They're actually former strategy consultants and they look to identify these companies that are not necessarily over earning yet, but they're positioning themselves strategically in a market where one day they will be able to harvest those gains. So think of this as what has happened to the Magnificent 7 over the past decade, but identifying the inflection in earnings growth, which ultimately drove stock prices.
back 10, 15 years ago.

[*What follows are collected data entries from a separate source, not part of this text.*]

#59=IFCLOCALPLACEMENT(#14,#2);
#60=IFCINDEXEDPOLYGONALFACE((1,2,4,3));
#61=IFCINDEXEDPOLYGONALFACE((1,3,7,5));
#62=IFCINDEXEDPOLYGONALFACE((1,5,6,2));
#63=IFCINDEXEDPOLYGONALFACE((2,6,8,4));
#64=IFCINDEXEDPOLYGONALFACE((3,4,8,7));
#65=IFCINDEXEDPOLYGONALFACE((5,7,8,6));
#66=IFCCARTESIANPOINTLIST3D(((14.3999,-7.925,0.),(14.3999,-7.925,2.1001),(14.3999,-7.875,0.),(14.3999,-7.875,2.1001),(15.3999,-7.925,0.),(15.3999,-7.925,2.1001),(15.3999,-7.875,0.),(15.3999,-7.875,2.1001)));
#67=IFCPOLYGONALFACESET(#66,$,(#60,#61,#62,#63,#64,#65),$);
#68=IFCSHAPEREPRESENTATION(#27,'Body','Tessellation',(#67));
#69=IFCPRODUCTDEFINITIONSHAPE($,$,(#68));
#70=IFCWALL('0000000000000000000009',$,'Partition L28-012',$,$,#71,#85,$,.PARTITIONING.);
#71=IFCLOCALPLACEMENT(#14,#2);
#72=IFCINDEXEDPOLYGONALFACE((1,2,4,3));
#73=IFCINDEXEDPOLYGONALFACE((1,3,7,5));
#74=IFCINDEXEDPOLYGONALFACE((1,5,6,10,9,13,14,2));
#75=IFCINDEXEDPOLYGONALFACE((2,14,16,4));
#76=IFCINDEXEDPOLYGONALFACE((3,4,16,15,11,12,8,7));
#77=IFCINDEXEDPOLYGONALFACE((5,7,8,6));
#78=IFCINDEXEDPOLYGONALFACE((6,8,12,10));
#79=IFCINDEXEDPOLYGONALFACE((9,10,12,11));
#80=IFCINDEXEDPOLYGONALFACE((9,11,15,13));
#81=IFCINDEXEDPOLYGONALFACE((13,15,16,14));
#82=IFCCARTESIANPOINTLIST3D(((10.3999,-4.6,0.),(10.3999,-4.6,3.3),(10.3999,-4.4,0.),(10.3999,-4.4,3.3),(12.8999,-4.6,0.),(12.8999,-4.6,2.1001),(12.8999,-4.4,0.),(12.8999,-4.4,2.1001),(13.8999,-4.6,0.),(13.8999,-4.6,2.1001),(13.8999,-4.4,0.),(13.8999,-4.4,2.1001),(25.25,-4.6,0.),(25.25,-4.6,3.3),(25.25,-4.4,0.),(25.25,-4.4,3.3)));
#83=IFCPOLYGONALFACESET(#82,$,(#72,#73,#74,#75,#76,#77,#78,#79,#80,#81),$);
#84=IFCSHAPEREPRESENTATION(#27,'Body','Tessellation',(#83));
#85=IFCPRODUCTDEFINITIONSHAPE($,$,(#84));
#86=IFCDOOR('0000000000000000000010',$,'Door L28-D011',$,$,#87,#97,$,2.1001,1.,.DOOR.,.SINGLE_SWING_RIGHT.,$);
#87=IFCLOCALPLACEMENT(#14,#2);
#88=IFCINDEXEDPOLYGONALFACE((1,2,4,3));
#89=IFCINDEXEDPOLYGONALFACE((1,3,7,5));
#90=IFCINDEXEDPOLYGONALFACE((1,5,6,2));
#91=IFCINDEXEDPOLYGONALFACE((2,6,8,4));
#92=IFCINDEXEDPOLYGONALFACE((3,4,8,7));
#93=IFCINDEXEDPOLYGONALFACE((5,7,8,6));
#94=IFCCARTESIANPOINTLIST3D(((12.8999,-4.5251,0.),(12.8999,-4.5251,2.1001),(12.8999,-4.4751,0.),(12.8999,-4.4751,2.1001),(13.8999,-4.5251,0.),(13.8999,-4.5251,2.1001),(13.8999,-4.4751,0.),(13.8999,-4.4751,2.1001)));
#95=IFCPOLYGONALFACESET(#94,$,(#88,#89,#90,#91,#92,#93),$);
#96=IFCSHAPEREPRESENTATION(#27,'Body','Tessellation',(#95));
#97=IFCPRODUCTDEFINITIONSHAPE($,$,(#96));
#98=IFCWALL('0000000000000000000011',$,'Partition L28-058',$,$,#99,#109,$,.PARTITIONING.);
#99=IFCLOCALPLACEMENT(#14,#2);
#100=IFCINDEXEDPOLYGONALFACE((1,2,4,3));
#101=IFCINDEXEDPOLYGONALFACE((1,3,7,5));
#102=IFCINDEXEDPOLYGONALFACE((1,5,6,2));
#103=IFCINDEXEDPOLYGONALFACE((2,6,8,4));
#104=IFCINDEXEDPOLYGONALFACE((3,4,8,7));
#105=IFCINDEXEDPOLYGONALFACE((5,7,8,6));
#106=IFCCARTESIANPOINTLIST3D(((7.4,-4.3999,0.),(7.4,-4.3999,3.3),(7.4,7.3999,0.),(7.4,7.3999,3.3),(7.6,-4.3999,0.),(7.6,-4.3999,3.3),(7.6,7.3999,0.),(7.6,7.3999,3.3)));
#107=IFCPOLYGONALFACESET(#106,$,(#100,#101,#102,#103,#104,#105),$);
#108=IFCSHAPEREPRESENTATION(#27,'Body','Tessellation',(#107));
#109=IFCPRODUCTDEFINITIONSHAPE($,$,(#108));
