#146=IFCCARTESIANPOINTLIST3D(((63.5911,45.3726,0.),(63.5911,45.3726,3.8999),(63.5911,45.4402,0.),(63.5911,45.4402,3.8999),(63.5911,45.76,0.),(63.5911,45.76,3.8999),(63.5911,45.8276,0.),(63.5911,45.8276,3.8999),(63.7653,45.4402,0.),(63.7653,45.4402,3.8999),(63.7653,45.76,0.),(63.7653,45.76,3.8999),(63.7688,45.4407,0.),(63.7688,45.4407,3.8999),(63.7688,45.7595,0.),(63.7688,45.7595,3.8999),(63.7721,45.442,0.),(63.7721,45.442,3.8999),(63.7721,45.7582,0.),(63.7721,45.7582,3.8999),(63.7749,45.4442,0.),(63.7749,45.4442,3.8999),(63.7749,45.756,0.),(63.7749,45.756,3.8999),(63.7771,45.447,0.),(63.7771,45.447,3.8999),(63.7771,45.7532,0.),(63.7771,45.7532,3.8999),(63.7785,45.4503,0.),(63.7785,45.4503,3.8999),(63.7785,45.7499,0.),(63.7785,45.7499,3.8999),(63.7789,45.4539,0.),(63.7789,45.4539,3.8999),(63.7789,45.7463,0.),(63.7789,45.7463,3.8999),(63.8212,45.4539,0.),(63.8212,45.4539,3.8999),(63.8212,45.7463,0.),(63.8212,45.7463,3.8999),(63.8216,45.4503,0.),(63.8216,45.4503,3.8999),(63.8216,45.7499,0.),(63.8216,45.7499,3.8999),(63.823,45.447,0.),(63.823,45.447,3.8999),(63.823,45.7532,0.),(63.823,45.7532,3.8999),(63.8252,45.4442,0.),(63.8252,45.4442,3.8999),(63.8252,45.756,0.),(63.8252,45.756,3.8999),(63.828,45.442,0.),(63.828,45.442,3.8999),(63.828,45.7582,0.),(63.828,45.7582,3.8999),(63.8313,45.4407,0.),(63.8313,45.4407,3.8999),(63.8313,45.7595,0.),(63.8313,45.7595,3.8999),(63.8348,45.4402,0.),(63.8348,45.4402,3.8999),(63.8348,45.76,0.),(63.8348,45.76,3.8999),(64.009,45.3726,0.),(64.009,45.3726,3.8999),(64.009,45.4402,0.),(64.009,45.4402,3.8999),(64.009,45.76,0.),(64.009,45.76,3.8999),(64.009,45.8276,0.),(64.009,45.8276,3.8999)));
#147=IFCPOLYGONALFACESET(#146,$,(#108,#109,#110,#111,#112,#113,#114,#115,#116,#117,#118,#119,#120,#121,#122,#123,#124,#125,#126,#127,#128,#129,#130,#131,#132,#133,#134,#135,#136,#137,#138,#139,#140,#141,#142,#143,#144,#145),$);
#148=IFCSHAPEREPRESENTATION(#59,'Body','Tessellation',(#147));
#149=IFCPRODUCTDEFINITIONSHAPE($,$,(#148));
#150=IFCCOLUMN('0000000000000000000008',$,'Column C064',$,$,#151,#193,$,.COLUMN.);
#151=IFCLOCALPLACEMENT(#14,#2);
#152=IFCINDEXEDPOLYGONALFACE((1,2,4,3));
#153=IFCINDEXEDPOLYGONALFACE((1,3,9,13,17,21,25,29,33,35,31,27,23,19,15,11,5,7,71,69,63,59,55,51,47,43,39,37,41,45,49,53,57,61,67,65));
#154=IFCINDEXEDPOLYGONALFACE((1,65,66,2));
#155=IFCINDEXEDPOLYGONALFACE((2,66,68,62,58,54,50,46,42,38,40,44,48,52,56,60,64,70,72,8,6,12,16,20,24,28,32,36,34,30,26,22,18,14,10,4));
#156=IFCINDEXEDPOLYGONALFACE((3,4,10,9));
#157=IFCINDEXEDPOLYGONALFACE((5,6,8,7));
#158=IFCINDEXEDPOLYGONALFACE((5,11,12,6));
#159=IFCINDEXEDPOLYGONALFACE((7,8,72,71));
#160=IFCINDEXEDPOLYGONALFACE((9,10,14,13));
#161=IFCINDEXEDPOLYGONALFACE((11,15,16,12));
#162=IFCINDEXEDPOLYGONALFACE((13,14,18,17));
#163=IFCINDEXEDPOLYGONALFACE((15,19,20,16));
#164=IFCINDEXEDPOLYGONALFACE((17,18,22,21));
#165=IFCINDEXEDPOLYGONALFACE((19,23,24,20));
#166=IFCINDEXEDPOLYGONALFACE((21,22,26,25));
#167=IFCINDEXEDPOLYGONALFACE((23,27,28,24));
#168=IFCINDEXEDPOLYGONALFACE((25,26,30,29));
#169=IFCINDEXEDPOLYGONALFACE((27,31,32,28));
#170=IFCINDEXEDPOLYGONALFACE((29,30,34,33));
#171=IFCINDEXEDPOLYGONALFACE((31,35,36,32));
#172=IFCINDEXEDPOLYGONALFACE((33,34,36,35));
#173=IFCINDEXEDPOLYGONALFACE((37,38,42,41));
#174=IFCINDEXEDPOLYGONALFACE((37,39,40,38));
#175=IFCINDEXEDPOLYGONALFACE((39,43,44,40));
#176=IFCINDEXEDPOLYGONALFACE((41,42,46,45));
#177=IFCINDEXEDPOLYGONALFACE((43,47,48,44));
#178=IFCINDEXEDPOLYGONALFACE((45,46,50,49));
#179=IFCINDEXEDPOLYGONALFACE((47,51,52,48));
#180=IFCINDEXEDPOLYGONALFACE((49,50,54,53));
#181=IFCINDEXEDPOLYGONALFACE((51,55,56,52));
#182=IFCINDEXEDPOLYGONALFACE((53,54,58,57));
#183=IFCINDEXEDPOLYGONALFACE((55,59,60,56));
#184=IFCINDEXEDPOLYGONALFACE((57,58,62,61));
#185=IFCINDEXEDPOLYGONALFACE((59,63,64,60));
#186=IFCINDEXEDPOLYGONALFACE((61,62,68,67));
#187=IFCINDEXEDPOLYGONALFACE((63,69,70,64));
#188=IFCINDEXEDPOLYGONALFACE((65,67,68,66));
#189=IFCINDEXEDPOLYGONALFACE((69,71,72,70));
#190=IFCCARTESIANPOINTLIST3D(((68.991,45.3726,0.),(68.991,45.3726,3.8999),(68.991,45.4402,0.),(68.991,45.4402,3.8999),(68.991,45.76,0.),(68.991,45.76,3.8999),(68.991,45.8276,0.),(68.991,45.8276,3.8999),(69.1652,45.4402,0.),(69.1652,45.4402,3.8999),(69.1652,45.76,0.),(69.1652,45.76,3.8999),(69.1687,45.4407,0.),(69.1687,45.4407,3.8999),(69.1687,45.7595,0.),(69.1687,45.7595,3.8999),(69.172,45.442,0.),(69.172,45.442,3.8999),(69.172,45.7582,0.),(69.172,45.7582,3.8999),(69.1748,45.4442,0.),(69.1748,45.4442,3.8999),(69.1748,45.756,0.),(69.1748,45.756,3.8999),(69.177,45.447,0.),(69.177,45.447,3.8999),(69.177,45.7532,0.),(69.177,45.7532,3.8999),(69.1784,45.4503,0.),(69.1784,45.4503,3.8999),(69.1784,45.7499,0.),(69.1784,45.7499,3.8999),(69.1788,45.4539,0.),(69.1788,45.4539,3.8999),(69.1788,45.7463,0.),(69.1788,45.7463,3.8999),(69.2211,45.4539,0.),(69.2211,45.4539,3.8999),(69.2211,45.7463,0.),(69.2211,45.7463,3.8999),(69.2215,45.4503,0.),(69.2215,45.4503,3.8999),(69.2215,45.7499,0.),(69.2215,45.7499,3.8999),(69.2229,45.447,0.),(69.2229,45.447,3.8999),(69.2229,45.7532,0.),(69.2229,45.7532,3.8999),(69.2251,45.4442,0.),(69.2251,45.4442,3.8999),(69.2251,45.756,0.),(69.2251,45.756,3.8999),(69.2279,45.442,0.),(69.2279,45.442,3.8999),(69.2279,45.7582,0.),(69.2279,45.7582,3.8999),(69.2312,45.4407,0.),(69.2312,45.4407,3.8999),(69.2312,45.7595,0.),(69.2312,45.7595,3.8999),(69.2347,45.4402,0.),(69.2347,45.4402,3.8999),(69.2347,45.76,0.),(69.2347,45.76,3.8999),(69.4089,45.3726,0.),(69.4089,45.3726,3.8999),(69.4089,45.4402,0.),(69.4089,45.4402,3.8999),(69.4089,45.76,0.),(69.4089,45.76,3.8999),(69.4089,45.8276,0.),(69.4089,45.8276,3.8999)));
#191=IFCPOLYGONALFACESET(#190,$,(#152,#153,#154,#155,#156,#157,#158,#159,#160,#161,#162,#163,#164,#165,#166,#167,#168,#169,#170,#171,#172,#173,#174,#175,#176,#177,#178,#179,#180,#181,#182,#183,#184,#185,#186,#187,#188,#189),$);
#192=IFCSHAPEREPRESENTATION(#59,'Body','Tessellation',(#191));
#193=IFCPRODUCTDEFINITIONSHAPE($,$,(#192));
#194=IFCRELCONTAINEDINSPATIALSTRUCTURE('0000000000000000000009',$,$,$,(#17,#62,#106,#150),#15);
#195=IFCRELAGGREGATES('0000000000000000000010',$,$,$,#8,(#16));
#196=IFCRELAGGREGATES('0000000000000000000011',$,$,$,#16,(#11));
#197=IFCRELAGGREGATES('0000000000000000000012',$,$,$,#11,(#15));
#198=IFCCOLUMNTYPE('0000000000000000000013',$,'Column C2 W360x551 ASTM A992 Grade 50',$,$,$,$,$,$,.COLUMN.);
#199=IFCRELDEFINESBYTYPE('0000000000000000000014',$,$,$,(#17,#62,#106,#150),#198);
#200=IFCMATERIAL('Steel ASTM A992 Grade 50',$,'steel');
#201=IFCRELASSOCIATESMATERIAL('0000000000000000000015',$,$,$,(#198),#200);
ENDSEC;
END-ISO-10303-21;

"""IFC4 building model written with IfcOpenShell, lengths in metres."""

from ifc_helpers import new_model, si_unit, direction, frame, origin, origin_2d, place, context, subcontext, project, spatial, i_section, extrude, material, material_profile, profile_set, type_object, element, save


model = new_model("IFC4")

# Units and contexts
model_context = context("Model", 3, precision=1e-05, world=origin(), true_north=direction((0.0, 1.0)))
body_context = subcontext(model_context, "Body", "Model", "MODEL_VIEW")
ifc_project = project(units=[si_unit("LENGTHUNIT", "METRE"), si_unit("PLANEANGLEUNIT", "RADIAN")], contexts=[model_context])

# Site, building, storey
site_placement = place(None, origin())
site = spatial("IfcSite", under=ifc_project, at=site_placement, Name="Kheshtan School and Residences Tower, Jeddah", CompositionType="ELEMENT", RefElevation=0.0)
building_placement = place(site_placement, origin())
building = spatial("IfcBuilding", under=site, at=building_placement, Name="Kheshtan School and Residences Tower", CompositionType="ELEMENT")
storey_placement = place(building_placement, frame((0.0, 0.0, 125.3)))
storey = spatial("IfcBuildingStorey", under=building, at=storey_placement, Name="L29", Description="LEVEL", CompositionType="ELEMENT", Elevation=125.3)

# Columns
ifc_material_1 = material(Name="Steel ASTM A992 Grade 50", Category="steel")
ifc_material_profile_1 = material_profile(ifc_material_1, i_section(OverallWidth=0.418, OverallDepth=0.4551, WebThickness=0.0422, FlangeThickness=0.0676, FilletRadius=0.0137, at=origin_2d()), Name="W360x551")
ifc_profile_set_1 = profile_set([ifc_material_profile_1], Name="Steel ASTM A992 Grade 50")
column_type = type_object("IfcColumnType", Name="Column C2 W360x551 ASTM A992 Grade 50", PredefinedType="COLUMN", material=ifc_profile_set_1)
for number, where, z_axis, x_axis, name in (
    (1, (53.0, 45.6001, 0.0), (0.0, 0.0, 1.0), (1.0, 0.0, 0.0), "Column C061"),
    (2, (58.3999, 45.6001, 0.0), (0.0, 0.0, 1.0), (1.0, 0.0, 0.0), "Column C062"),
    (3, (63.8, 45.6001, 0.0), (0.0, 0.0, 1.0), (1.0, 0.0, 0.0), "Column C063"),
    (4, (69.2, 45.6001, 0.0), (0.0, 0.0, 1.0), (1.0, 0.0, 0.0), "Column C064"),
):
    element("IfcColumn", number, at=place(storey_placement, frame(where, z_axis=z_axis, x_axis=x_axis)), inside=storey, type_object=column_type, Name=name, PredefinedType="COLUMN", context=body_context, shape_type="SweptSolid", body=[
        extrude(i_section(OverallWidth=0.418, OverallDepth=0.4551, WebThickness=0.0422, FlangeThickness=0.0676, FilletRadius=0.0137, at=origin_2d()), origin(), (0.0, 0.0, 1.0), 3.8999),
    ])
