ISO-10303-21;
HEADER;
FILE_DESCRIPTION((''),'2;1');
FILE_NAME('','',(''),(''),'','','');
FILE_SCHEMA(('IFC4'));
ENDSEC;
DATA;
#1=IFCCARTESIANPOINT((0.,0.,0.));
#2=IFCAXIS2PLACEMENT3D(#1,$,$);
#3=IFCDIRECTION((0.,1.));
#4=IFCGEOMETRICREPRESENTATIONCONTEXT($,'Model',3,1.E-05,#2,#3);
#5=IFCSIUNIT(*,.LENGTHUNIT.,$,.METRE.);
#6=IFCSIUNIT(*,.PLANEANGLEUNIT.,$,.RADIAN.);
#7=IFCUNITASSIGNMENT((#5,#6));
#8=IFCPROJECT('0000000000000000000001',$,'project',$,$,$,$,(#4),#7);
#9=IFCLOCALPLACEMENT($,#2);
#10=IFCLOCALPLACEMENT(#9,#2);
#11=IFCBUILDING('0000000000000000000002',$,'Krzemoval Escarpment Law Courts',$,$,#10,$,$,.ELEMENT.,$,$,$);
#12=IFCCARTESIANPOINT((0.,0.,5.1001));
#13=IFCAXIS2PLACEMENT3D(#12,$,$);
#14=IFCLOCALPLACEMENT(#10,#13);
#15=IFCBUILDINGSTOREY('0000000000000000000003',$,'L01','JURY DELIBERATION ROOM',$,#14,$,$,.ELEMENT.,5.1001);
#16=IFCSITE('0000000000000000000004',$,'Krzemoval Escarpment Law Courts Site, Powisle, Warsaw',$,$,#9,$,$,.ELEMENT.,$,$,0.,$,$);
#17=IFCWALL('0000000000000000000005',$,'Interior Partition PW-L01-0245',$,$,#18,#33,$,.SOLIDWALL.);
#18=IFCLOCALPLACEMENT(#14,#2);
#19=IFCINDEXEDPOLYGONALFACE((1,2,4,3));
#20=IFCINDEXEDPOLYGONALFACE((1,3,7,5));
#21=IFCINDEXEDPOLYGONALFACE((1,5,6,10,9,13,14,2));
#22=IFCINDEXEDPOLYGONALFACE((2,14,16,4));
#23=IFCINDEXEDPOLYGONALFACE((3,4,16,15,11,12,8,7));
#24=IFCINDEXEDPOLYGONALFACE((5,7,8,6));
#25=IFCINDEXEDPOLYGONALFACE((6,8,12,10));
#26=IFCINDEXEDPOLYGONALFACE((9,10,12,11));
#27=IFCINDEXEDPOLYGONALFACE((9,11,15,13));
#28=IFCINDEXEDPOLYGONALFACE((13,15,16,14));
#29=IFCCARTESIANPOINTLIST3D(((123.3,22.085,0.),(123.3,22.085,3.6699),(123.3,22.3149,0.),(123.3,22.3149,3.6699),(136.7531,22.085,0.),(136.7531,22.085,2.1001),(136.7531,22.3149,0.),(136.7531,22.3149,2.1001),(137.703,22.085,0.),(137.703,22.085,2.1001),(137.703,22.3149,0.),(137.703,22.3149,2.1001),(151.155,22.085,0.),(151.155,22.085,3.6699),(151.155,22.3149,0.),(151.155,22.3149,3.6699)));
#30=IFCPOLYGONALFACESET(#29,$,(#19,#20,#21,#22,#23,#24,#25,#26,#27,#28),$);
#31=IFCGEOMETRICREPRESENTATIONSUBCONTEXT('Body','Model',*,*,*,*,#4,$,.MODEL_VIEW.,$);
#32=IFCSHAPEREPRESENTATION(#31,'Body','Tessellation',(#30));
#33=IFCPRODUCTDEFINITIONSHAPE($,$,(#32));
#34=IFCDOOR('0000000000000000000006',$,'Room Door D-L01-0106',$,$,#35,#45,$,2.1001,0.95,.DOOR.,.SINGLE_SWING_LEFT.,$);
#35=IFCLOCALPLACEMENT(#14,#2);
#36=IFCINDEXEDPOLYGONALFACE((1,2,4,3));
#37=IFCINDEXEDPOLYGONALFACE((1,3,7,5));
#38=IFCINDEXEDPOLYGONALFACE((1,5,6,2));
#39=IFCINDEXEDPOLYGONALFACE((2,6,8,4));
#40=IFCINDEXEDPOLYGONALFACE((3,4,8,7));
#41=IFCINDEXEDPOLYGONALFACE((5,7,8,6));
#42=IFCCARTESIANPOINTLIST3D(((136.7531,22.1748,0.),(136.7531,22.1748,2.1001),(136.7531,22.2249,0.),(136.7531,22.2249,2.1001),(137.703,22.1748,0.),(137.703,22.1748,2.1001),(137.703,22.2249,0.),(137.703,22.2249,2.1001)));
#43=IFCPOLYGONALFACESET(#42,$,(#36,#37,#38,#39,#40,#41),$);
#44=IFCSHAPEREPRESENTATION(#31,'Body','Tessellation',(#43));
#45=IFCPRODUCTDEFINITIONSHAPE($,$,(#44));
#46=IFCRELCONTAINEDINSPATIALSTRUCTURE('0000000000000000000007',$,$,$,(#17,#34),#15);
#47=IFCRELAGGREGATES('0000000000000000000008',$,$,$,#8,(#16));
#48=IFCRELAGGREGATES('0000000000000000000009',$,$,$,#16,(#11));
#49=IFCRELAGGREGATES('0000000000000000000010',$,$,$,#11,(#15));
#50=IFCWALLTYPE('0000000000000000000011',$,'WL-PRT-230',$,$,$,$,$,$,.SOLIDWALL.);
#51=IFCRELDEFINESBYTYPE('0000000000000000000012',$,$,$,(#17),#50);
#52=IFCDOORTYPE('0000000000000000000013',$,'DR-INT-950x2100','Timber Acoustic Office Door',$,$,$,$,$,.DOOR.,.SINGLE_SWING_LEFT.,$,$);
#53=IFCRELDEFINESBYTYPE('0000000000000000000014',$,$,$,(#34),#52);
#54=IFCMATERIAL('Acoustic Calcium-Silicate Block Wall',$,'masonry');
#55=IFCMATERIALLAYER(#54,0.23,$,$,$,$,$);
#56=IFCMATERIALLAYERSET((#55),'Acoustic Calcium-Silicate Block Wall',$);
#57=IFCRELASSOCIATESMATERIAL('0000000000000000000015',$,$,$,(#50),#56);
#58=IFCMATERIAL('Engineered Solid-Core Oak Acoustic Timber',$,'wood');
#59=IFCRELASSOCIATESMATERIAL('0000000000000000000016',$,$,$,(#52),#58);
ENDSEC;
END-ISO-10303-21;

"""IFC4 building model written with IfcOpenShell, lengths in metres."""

from ifc_helpers import new_model, si_unit, direction, frame, frame_2d, origin, place, context, subcontext, project, spatial, rectangle, extrude, material, layer, layer_set, type_object, element, fill, save


model = new_model("IFC4")

# Units and contexts
model_context = context("Model", 3, precision=1e-05, world=origin(), true_north=direction((0.0, 1.0)))
body_context = subcontext(model_context, "Body", "Model", "MODEL_VIEW")
ifc_project = project(units=[si_unit("LENGTHUNIT", "METRE"), si_unit("PLANEANGLEUNIT", "RADIAN")], contexts=[model_context])

# Site, building, storey
site_placement = place(None, origin())
site = spatial("IfcSite", under=ifc_project, at=site_placement, Name="Krzemoval Escarpment Law Courts Site, Powisle, Warsaw", CompositionType="ELEMENT", RefElevation=0.0)
building_placement = place(site_placement, origin())
building = spatial("IfcBuilding", under=site, at=building_placement, Name="Krzemoval Escarpment Law Courts", CompositionType="ELEMENT")
storey_placement = place(building_placement, frame((0.0, 0.0, 5.1001)))
storey = spatial("IfcBuildingStorey", under=building, at=storey_placement, Name="L01", Description="JURY DELIBERATION ROOM", CompositionType="ELEMENT", Elevation=5.1001)

# Wall, opening, door
ifc_material_1 = material(Name="Acoustic Calcium-Silicate Block Wall", Category="masonry")
ifc_layer_1 = layer(ifc_material_1, 0.23)
ifc_layer_set_1 = layer_set([ifc_layer_1], Name="Acoustic Calcium-Silicate Block Wall")
wall_type_1 = type_object("IfcWallType", Name="WL-PRT-230", PredefinedType="SOLIDWALL", material=ifc_layer_set_1)
wall_1_placement = place(storey_placement, frame((123.3, 22.2, 0.0), z_axis=(0.0, 0.0, 1.0), x_axis=(1.0, 0.0, 0.0)))
wall_1 = element("IfcWall", 1, at=wall_1_placement, inside=storey, type_object=wall_type_1, Name="Interior Partition PW-L01-0245", PredefinedType="SOLIDWALL", context=body_context, shape_type="SweptSolid", body=[
    extrude(rectangle(XDim=27.855, YDim=0.23, at=frame_2d((13.9275, 0.0))), origin(), (0.0, 0.0, 1.0), 3.6699),
])
opening_1_placement = place(wall_1_placement, frame((13.4529, 0.0, 0.0)))
opening_1 = element("IfcOpeningElement", 2, at=opening_1_placement, cuts=wall_1, PredefinedType="OPENING", context=body_context, shape_type="SweptSolid", body=[
    extrude(rectangle(XDim=0.95, YDim=2.1001, at=frame_2d((0.4751, 1.05))), frame((0.0, 0.13, 0.0), z_axis=(0.0, -1.0, 0.0), x_axis=(1.0, 0.0, 0.0)), (0.0, 0.0, 1.0), 0.26),
])
ifc_material_2 = material(Name="Engineered Solid-Core Oak Acoustic Timber", Category="wood")
door_type_1 = type_object("IfcDoorType", Name="DR-INT-950x2100", Description="Timber Acoustic Office Door", OperationType="SINGLE_SWING_LEFT", PredefinedType="DOOR", material=ifc_material_2)
door_1_placement = place(opening_1_placement, origin())
door_1 = element("IfcDoor", 3, at=door_1_placement, inside=storey, type_object=door_type_1, Name="Room Door D-L01-0106", OperationType="SINGLE_SWING_LEFT", OverallHeight=2.1001, OverallWidth=0.95, PredefinedType="DOOR", context=body_context, shape_type="SweptSolid", body=[
    extrude(rectangle(XDim=0.95, YDim=2.1001, at=frame_2d((0.4751, 1.05))), frame((0.0, 0.0249, 0.0), z_axis=(0.0, -1.0, 0.0), x_axis=(1.0, 0.0, 0.0)), (0.0, 0.0, 1.0), 0.05),
])
fill(opening_1, door_1)

save(model, "model.ifc")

So they try to find these companies that had built these modes and then they almost go into to harvest mode where ⁓ it begins flowing ⁓ through into earnings. again, I think even if you're pessimistic from a top down perspective, there will always be pockets of the market. And I think something that we try to do is find those pockets of the market where
someone has identified an inefficiency or someone has an edge and can take a bottoms up perspective because ultimately I think what you're trying to do from an investment perspective is by great businesses that have an opportunity to grow earnings at reasonable prices. ⁓ So always taking that value lens.
Anthony Berg (16:25)
Recently,
Andrew, a lot of the off the charts notes and lot of the news headlines had really been dominated by geopolitics and tensions globally. So maybe you can just quickly touch on your views around tariffs, Middle Eastern conflicts and what that says for markets going forward.
Andrew Sarna (16:43)
Yeah, I'm certainly not a geopolitical strategist, but I mean, do think it's pretty particular or peculiar that again, all this happens in the Middle East and markets don't even react. like oil jumps over the weekend, but by the time the week came around or the work we came around, oil was down. ⁓ So markets are completely fading, which
Over the past 20 years, that has been the right ⁓ answer for markets to ignore the geopolitics and nothing ever really happens. But I mean, who knows, maybe at some point, this is the event that occurs that really does matter. ⁓ So it's tough from an investment perspective. probably I'd be cautious that markets are at all time highs because I feel like there should be some risk of being priced in. And the same really goes for tariffs.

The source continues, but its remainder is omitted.